# Hi from Charleston!!



## MelodyAngel (Aug 27, 2008)

Hello all!

I'm a MAC addict, and I'm so glad I found this site!! I've been lurking for a while, and spending WAY too much time reading posts, checking out swatches from the new collections, looking at FOTD's...etc. It is addictive!!

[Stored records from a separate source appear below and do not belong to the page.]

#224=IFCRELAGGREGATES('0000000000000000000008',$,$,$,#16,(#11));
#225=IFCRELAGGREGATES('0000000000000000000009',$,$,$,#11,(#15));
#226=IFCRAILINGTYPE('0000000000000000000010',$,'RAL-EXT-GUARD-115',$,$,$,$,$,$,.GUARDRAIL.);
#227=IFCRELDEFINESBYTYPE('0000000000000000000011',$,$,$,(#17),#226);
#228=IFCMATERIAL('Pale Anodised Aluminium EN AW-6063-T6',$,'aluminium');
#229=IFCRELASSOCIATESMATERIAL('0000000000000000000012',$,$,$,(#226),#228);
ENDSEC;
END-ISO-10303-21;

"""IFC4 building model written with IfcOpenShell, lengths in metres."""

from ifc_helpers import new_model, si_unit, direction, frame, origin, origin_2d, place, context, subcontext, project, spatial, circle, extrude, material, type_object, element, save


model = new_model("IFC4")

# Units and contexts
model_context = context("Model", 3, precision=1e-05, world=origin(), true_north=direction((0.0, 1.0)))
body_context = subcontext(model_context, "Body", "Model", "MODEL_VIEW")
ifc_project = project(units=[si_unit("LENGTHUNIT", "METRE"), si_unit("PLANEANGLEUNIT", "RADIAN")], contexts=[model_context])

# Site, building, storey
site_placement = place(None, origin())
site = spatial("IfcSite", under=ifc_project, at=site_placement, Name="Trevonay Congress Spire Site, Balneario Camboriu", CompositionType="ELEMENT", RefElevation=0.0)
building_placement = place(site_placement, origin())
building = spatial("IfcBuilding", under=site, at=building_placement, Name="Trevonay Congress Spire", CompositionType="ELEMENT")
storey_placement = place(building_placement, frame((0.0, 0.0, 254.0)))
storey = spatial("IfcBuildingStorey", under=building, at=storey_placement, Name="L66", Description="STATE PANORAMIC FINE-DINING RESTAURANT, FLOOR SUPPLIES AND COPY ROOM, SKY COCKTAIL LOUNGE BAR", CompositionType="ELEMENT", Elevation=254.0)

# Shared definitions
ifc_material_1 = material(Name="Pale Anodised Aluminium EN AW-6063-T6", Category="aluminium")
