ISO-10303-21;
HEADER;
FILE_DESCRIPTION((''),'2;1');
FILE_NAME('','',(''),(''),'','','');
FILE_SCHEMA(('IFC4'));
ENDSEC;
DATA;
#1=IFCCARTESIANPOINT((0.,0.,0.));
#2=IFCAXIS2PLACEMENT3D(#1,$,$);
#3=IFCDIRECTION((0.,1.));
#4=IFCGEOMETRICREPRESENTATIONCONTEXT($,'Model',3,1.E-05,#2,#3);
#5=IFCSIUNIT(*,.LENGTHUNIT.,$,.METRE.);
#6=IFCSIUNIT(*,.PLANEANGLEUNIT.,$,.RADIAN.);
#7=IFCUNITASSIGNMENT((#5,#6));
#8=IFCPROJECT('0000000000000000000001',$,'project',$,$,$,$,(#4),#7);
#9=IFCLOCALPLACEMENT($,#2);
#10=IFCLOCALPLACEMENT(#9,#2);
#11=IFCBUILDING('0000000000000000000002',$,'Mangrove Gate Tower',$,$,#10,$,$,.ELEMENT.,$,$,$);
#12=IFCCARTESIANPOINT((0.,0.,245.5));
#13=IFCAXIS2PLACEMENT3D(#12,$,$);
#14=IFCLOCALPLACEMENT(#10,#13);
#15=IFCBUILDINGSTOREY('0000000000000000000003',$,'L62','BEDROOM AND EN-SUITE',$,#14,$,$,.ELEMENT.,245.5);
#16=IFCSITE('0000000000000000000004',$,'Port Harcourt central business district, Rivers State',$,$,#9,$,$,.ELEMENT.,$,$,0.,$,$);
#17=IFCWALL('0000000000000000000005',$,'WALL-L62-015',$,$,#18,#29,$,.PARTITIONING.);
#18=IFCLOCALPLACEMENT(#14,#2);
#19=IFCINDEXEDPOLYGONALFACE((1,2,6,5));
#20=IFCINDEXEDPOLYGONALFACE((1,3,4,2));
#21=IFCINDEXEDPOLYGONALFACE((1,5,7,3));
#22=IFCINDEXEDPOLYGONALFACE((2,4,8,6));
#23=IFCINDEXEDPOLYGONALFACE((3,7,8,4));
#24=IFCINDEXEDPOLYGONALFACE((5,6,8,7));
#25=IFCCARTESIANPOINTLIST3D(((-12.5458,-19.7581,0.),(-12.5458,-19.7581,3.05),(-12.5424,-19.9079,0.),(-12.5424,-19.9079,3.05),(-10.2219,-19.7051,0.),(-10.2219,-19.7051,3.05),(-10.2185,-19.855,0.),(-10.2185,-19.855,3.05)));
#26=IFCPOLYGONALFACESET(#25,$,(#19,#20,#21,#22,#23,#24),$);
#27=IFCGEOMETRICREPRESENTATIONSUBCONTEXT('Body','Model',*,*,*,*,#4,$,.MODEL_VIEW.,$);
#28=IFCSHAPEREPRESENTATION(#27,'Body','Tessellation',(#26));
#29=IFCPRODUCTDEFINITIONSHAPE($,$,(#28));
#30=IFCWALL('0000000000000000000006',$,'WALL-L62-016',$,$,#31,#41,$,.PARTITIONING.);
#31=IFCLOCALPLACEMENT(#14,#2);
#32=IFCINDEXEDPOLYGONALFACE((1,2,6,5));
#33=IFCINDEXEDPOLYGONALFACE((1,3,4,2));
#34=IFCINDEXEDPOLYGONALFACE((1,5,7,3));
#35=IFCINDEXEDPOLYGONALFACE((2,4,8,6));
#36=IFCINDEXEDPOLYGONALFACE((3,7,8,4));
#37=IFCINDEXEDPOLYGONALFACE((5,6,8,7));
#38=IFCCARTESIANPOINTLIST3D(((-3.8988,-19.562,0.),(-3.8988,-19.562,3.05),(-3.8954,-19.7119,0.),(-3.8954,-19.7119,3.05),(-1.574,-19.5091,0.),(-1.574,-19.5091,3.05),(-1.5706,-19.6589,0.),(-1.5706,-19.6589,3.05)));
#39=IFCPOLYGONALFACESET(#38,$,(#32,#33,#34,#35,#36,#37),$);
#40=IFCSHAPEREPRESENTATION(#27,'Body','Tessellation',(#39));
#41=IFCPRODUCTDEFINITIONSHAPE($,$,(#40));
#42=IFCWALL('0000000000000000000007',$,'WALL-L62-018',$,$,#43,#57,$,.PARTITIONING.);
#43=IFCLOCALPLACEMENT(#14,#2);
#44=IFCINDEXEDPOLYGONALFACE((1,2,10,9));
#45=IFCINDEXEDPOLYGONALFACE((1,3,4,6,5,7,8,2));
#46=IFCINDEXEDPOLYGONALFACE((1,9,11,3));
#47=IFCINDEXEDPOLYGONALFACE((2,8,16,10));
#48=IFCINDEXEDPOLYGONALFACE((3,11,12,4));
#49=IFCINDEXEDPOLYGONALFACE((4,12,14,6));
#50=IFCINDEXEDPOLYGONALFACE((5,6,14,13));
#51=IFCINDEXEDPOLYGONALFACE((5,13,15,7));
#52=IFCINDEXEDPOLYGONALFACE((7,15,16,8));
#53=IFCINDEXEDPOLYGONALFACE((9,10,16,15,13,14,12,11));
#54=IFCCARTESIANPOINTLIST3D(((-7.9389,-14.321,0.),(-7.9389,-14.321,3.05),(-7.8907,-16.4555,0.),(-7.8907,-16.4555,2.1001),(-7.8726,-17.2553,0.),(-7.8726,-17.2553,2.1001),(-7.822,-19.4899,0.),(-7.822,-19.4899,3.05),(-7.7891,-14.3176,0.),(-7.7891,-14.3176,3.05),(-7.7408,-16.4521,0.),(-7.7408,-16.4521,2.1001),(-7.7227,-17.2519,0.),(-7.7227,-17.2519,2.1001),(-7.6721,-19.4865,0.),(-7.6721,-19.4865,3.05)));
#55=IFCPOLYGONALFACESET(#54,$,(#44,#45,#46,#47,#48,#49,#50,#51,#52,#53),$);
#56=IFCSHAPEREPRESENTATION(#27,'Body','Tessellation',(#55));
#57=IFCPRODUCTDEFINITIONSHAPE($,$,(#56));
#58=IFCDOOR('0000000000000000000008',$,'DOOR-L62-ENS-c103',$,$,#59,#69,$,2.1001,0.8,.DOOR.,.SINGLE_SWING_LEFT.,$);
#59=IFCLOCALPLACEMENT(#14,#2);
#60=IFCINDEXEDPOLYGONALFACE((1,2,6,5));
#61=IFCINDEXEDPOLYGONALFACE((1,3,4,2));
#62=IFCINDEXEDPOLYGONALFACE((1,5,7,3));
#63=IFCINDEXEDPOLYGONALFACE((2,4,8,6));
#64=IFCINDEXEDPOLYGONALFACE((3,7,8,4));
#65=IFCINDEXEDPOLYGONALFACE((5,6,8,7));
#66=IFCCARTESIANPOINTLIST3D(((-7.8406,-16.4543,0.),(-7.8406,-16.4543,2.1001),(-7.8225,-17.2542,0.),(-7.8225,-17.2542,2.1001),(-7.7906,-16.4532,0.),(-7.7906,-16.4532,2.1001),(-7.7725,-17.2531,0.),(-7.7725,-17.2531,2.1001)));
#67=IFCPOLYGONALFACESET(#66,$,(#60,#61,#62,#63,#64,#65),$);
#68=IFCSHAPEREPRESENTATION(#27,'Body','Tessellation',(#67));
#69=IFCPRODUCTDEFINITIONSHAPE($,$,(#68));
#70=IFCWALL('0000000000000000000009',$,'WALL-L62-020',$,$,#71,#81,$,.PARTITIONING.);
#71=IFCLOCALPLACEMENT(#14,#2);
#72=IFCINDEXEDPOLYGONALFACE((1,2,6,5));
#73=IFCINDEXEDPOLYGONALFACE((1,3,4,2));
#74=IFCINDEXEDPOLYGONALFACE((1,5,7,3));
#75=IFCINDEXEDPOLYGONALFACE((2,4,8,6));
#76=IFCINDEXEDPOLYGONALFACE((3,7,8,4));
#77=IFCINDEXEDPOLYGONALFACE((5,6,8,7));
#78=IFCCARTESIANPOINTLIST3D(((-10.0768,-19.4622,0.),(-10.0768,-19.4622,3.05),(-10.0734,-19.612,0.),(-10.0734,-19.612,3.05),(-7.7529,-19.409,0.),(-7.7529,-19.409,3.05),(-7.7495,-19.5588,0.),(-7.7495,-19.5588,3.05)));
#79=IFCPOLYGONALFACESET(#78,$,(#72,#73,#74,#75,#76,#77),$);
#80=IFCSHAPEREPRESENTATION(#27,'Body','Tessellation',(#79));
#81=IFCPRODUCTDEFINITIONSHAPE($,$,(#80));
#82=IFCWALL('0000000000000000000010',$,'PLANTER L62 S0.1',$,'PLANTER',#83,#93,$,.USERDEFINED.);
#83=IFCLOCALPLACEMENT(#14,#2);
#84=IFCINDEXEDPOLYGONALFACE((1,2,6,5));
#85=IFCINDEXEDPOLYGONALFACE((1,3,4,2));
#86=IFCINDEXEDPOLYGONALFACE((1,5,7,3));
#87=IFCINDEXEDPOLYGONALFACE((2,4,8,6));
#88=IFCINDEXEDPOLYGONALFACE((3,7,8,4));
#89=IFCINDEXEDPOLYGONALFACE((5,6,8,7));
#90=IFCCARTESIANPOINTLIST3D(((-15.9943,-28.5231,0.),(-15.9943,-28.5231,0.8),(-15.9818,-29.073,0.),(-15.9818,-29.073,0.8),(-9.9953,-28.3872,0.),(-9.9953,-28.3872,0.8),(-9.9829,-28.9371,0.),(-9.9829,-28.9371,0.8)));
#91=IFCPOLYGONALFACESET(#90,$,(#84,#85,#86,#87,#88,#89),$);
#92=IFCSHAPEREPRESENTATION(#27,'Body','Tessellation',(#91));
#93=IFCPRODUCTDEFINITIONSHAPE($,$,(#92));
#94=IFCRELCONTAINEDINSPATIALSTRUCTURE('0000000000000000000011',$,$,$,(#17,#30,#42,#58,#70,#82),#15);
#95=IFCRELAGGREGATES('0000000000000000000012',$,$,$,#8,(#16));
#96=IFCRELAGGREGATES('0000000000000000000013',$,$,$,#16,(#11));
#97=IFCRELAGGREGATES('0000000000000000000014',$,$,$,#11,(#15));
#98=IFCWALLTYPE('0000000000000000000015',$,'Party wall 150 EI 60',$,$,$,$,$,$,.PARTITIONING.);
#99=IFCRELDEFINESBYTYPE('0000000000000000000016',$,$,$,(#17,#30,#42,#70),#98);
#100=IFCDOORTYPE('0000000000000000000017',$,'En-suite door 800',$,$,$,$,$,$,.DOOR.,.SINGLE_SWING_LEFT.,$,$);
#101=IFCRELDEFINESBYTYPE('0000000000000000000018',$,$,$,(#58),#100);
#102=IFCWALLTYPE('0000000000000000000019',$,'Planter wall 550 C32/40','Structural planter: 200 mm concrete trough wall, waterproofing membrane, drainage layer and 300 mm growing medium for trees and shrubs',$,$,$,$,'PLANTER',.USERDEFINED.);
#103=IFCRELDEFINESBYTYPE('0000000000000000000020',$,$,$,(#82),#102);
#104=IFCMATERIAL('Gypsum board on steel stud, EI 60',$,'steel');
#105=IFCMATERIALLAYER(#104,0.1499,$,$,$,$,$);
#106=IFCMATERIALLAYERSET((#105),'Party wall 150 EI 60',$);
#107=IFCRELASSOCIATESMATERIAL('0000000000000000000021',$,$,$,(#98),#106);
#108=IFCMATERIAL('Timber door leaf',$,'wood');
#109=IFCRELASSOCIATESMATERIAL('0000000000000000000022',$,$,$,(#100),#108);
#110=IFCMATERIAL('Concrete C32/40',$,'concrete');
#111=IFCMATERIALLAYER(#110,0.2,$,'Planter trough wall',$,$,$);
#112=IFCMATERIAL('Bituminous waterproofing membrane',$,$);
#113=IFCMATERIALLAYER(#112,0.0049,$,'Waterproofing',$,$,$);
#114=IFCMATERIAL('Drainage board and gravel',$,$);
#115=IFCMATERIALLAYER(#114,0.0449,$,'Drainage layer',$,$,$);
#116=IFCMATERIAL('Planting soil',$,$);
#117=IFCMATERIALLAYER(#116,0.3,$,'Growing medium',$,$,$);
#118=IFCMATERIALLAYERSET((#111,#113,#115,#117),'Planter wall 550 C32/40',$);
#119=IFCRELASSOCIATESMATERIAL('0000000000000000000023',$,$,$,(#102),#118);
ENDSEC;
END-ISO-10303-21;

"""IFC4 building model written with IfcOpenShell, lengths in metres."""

from ifc_helpers import new_model, si_unit, direction, frame, frame_2d, origin, place, context, subcontext, project, spatial, rectangle, extrude, material, layer, layer_set, type_object, element, fill, save


model = new_model("IFC4")

# Units and contexts
model_context = context("Model", 3, precision=1e-05, world=origin(), true_north=direction((0.0, 1.0)))
body_context = subcontext(model_context, "Body", "Model", "MODEL_VIEW")
ifc_project = project(units=[si_unit("LENGTHUNIT", "METRE"), si_unit("PLANEANGLEUNIT", "RADIAN")], contexts=[model_context])

# Site, building, storey
site_placement = place(None, origin())
site = spatial("IfcSite", under=ifc_project, at=site_placement, Name="Port Harcourt central business district, Rivers State", CompositionType="ELEMENT", RefElevation=0.0)
building_placement = place(site_placement, origin())
building = spatial("IfcBuilding", under=site, at=building_placement, Name="Mangrove Gate Tower", CompositionType="ELEMENT")
storey_placement = place(building_placement, frame((0.0, 0.0, 245.5)))
storey = spatial("IfcBuildingStorey", under=building, at=storey_placement, Name="L62", Description="BEDROOM AND EN-SUITE", CompositionType="ELEMENT", Elevation=245.5)

# Shared definitions
ifc_material_1 = material(Name="Gypsum board on steel stud, EI 60", Category="steel")
ifc_layer_1 = layer(ifc_material_1, 0.1499)
ifc_layer_set_1 = layer_set([ifc_layer_1], Name="Party wall 150 EI 60")
wall_type_1 = type_object("IfcWallType", Name="Party wall 150 EI 60", PredefinedType="PARTITIONING", material=ifc_layer_set_1)

# Shared definitions
ifc_material_2 = material(Name="Timber door leaf", Category="wood")
door_type = type_object("IfcDoorType", Name="En-suite door 800", OperationType="SINGLE_SWING_LEFT", PredefinedType="DOOR", material=ifc_material_2)

# Walls
wall_1_placement = place(storey_placement, frame((-12.5439, -19.833, 0.0), z_axis=(0.0, 0.0, 1.0), x_axis=(0.99974, 0.022791, 0.0)))
element("IfcWall", 1, at=wall_1_placement, inside=storey, type_object=wall_type_1, Name="WALL-L62-015", PredefinedType="PARTITIONING", context=body_context, shape_type="SweptSolid", body=[
    extrude(rectangle(XDim=2.3245, YDim=0.1499, at=frame_2d((1.1621, 0.0))), origin(), (0.0, 0.0, 1.0), 3.05),
])
wall_2_placement = place(storey_placement, frame((-3.897, -19.637, 0.0), z_axis=(0.0, 0.0, 1.0), x_axis=(0.99974, 0.022781, 0.0)))
element("IfcWall", 2, at=wall_2_placement, inside=storey, type_object=wall_type_1, Name="WALL-L62-016", PredefinedType="PARTITIONING", context=body_context, shape_type="SweptSolid", body=[
    extrude(rectangle(XDim=2.3254, YDim=0.1499, at=frame_2d((1.1626, 0.0))), origin(), (0.0, 0.0, 1.0), 3.05),
])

Well, I'm off to figure out what to get from CoC!!
	

	
	
		
		

		
			





Nice to "meet" all of you!!


----------



## courtastic (Aug 27, 2008)

Hey I'm from Charleston too! Anyway, welcome & nice to *meet* you too!


----------



## MelodyAngel (Aug 27, 2008)

Quote:

   Originally Posted by *courtastic* 

 
_Hey I'm from Charleston too! Anyway, welcome & nice to *meet* you too! 
	

	
	
		
		

		
		
	


	


_

 
Thanks!
	

	
	
		
		

		
		
	


	




I've been here for almost 2 years now, and I love it! I'm originally from Ohio. I do wish they would get a Nordstrom or Macy's here, cuz it's tough when there's only one *tiny* MAC counter at Belk in Mt. Pleasant Towne Centre...


----------



## coachkitten (Aug 27, 2008)

Welcome to Specktra!  I am going to Charleston for the first time in a few weeks for a wedding and I can't wait.  Do you ever go to the MAC outlet in Charleston?  I was wondering if it was worth going to.  Hope to see you around the site!


----------



## lovebuggyboo (Aug 27, 2008)




----------



## Lipglass*Lover* (Aug 27, 2008)




----------



## MelodyAngel (Aug 28, 2008)

Quote:

   Originally Posted by *coachkitten* 

 
_Welcome to Specktra! I am going to Charleston for the first time in a few weeks for a wedding and I can't wait. Do you ever go to the MAC outlet in Charleston? I was wondering if it was worth going to. Hope to see you around the site! 
	

	
	
		
		

		
		
	


	


_

 
Hi there! Yes, you should go to the Tanger Outlet in North Charleston...they have a CCO there that is well stocked with MAC! There are plenty of other good stores there too, like Nine West, Coach, Jones New York, B&BW, etc.


----------



## MelodyAngel (Aug 28, 2008)

Thanks for the warm welcomes everyone!!


----------



## glam8babe (Aug 28, 2008)

welcome


----------